- Born: Nguyễn Duy Hiếu 1962 (age 63–64) Hue, Vietnam
- Education: University of New Mexico
- Known for: Photography
- Awards: Guggenheim Fellowship

= Pipo Nguyen-duy =

Vietnamese-American fine art photographer

Pipo Hieu Nguyen-duy (born 1962) is a fine art photographer, and a professor of Photography at Oberlin College.

==Early life and education==
Pipo was born in Hue, Vietnam in 1962. As a teenager, he competed on the Vietnamese national table tennis team. In 1975 at age 13, he left Vietnam for the United States as a boat person.

Pipo graduated from Carleton College in Northfield, Minnesota in 1983 with a BA in Economics after which he moved to New York City. He completed his Master of Arts in Photography from the University of New Mexico, Albuquerque in 1992 and his Masters of Fine Arts in 1995.

==Career==

Pipo participated as an artist-in-residence at Monet's Garden through The Lila Wallace-Reader's Digest Artists at Giverny Fellowship, at the Headlands Center for the Arts in Sausalito, California, in Light Work's Artist-in-Residence program.

He is represented by Sam Lee Gallery in Los Angeles, California.

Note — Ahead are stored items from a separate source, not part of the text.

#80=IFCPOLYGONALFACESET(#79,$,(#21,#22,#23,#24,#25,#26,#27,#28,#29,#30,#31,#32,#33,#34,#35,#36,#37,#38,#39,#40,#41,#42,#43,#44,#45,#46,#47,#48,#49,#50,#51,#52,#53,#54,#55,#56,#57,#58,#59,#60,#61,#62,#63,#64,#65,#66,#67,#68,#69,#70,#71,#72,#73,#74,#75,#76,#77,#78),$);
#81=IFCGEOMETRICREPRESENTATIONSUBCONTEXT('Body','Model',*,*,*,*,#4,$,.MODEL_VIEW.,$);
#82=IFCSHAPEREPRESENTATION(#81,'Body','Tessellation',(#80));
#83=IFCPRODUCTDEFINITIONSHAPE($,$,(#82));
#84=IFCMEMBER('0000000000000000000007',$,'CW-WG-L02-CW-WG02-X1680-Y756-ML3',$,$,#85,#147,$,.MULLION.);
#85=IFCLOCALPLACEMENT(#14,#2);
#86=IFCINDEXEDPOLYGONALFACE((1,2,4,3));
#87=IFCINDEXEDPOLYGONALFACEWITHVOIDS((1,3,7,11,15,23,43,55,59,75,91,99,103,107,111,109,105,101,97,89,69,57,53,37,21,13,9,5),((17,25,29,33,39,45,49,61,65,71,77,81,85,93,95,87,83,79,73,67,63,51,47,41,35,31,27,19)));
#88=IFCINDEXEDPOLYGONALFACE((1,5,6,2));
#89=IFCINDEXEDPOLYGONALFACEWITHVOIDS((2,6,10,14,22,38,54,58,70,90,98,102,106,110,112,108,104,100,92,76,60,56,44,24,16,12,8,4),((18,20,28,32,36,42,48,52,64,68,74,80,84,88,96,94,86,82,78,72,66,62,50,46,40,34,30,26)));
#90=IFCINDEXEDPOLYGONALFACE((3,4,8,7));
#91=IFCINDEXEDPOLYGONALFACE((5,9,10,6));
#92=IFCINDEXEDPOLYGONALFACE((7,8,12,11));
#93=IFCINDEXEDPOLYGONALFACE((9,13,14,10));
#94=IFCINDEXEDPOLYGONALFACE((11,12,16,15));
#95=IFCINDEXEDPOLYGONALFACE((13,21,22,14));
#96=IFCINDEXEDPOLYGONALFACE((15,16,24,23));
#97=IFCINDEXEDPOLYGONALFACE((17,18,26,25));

He is a Professor teaching photography at Oberlin College in Oberlin, Ohio.

==Publications==
- The inscrutable traveller: the photographs of Tseng Kwong Chi, University of New Mexico, 1998
- A thousand deaths Pipo, University of New Mexico, 1993

==Awards==
Pipo has received a National Endowment for the Arts, an En Foco Grant; a Professional Development Grant from the College Arts Association; an American Photography Institute's National Graduate Fellowship, NYC; a fellowship from the Oregon Arts Commission in Salem, Oregon; a B. Wade and Jane B. White Fellowship in the Humanities at Oberlin College; and two Individual Artists Fellowship from the Ohio Arts Council in Columbus, Ohio. In 2011, Pipo won a Guggenheim Fellowship in the field of photography.